The analytical thermal fluid model provides actual time evolution profiles of all the properties in the reservoir and well(s).

Advantageously, one or several quantities characterizing the performances of the reservoir are calculated in step 160. The quantity calculated is for example an injectivity per well, a time evolution of injectivity per well, a total storage capacity, a containment integrity risk and/or a well integrity risk, etc.

For example, the injectivity of the well(s) into the reservoir is computed by the time integration of flow rate of the fluid injected into the reservoir according to the analytical thermal flow model.

This method may be executed several times, each time with a different set of values of the injection parameters, or time profile of the injection parameters, to assess the effect of these modifications on the performances of the reservoir.

Even if the preferred embodiment disclosed above is focusing on CCS, the present method could be applied for any type of underground or subsurface reservoir and fluid injection, such as water injection, cold water injection, hydraulic fracking, gas storage, dense fluid injection, etc.

The method is still valid if there is no access to temperature modelling. Indeed, some fluid injections could be understood as isothermal injections and still, fractures are possible and could be modelled with this method. These would not be called TIF, but these would still be fractures with the same impact and could be modelled in the same way.

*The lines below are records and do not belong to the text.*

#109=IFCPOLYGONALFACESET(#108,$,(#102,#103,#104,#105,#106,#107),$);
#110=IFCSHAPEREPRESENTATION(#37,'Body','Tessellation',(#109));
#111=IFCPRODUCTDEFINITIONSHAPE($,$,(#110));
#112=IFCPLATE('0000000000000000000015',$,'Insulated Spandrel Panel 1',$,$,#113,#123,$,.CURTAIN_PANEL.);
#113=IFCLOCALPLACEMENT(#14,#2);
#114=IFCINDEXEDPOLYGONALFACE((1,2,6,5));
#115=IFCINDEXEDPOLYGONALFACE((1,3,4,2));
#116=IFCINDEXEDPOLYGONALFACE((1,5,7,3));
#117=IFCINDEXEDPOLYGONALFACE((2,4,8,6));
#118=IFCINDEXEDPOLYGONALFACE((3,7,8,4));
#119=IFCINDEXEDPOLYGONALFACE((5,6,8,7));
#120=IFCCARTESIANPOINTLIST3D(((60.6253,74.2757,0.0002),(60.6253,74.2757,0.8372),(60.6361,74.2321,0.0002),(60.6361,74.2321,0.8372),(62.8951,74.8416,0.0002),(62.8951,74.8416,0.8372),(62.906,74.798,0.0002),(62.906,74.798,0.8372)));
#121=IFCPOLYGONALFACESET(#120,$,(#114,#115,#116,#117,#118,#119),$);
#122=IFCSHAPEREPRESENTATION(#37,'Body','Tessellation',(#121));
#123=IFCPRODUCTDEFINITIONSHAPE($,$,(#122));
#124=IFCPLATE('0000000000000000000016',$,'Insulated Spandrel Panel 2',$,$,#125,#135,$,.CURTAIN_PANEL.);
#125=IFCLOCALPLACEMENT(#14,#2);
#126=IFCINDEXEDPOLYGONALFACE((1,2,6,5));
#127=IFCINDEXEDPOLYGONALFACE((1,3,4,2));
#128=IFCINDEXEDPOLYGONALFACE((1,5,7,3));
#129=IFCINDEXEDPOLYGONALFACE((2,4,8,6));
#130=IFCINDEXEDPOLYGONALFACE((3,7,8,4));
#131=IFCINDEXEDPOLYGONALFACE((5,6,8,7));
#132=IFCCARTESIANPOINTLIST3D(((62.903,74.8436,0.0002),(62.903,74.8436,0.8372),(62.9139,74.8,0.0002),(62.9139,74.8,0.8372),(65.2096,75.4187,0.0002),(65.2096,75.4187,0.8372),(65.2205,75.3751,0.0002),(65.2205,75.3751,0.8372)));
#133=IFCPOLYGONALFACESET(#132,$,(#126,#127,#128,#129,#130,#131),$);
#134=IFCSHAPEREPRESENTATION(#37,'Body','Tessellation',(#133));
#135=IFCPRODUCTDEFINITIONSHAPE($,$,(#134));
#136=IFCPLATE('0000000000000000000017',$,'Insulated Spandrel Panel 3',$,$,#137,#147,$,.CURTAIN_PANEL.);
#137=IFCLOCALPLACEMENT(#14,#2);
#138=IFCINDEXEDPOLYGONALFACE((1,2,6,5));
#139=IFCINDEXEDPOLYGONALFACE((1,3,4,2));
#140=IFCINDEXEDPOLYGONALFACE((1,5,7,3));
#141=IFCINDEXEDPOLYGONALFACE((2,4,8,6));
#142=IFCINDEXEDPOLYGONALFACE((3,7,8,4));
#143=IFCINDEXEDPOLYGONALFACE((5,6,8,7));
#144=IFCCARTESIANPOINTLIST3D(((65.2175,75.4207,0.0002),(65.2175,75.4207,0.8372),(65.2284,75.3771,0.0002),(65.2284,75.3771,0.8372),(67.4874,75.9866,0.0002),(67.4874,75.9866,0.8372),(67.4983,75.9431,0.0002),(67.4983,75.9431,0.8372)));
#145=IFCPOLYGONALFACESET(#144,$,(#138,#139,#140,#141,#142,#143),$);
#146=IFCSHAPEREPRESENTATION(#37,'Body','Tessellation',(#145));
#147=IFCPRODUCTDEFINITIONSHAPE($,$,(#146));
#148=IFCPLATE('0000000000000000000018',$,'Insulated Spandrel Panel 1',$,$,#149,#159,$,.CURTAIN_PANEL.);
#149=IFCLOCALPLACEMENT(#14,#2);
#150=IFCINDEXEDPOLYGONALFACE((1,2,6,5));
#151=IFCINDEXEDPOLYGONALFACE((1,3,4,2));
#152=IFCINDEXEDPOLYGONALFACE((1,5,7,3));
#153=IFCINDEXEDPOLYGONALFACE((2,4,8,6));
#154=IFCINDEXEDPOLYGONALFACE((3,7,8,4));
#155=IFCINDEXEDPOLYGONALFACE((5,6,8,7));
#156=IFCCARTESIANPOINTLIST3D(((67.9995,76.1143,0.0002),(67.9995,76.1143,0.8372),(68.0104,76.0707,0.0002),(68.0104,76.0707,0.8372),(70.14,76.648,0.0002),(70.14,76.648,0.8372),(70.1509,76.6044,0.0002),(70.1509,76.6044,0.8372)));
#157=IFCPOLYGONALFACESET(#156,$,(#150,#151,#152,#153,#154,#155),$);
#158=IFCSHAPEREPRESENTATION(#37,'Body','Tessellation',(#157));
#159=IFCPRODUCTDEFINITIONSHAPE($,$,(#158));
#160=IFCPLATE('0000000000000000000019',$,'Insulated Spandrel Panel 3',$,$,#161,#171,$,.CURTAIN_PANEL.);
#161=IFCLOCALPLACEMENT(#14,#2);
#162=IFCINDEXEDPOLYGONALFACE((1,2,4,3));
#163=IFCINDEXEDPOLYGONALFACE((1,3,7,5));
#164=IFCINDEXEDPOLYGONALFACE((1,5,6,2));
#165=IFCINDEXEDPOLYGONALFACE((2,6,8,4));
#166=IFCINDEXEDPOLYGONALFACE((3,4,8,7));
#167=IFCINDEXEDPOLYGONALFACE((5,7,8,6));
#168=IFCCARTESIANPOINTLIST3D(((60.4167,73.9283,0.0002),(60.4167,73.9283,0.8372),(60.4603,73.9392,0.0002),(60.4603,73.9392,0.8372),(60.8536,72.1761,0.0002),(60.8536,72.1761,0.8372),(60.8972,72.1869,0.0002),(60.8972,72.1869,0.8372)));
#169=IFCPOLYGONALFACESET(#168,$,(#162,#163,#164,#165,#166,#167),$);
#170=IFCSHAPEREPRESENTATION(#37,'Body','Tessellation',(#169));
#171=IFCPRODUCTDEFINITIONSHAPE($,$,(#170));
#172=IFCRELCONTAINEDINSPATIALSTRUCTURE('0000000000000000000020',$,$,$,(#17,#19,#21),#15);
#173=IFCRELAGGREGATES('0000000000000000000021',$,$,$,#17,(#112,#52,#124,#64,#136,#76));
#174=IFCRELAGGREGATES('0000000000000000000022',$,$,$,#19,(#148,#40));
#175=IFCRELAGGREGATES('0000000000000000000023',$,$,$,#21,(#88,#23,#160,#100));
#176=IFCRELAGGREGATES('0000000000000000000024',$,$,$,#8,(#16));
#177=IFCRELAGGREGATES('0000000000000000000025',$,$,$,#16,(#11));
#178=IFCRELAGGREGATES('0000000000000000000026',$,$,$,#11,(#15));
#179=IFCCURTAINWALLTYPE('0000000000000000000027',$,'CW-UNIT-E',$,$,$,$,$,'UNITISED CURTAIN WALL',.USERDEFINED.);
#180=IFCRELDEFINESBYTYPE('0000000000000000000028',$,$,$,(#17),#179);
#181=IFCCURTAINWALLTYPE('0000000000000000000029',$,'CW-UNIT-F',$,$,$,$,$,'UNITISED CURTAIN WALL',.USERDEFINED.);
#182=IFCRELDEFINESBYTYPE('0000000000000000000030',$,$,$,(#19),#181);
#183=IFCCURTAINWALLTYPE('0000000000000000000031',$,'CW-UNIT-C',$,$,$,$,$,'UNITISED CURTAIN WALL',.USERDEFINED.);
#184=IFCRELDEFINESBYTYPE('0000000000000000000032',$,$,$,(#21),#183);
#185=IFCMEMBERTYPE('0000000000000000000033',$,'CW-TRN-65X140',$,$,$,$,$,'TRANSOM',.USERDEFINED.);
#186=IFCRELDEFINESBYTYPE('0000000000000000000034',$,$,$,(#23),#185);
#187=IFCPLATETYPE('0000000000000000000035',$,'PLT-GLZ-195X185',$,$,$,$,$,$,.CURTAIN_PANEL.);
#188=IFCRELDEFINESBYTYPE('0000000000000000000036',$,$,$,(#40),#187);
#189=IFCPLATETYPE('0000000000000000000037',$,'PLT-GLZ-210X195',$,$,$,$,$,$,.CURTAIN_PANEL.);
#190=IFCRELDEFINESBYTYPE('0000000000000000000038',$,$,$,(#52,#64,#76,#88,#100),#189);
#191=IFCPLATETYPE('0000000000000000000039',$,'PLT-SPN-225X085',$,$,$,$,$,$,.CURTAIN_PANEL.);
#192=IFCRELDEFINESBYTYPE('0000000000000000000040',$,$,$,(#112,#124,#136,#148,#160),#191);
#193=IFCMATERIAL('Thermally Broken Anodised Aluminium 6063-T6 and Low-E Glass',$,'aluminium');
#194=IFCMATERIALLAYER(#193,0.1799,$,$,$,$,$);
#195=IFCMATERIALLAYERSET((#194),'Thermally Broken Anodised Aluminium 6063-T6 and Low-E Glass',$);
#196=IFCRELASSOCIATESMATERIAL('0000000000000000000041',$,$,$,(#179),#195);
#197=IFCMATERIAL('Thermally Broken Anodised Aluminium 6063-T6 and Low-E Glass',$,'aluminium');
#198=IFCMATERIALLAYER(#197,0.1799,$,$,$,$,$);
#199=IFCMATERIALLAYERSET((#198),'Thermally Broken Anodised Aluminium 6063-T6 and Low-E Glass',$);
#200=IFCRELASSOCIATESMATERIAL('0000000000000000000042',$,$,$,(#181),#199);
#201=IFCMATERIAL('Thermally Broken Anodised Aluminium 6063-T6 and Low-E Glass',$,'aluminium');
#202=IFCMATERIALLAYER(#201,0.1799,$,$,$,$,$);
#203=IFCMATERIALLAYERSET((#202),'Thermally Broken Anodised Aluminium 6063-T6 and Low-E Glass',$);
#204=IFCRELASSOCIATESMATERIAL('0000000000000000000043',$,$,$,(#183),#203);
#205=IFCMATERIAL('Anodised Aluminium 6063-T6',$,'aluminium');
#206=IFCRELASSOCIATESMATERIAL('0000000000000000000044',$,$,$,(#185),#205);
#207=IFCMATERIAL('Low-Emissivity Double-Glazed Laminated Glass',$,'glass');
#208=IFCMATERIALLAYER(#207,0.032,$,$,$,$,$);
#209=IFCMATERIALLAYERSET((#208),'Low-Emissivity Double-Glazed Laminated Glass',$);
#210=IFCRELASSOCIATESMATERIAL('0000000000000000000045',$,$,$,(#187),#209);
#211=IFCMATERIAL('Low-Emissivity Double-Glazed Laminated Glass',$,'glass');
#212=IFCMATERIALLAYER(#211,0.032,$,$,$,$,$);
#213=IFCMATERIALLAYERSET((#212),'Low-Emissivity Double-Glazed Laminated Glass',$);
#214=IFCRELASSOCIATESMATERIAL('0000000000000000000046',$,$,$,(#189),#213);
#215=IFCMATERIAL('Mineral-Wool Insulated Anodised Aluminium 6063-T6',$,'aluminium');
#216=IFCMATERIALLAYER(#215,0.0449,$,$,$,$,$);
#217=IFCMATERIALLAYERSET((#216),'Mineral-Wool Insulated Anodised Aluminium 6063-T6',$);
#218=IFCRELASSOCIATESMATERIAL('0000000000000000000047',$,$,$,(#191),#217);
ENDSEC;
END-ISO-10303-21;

The fracture function takes as inputs only rock, reservoir, well and fluid properties, and not an injection profile. In an alternative embodiment, where the measured data are provided with uncertainties, the fracture function can be viewed as a parametrical function on these measured data.

This invention is a pragmatic workflow to dynamically integrate the geomechanical features with thermal fluid flow effects in a reservoir simulation in order to gain understanding of the fracture phenomenon with minimal increases in either computation time and complexity. Such a new workflow must be based on fluid physics, geomechanics and good practical sense of modelling. Indeed, time evolution of TIF is a very important issue that could be tackled by such an approach, since the geomechanical system would be approximately solved in each and every timestep, covering the evolution of the reservoir over the time scope of the project.

The simulation according to the present invention establishes a viable approach (i.e. realistic in workflow and simulation times) to capture the onset and effects of the thermally induced fractures on fluid flow in the reservoir.

As it will be apparent for the person skilled in the art, the input and the computation data at each time step are all either constants of the reservoir or in situ time step calculated data by the flow simulation. Therefore, the preprocessing of the TIF modelling input data is not iterative, but rather a one step process. Once the geomechanics calculation methods are provided, the simulations are autonomous and do not need to cycle back to geomechanics except for reservoir eventual model updates.

This allows taking into account the apparition of said fractures for the operation of the well.

While the fracture function could be called by a single flagged cell or any other process in the reservoir simulator, the result of the call is fully independent of the caller and depends on the data provided, by the caller, as input of the calculation. Indeed, a set of data values has to be provided each time the fracture function is called. These values will be taken from the reservoir simulator at the current time step.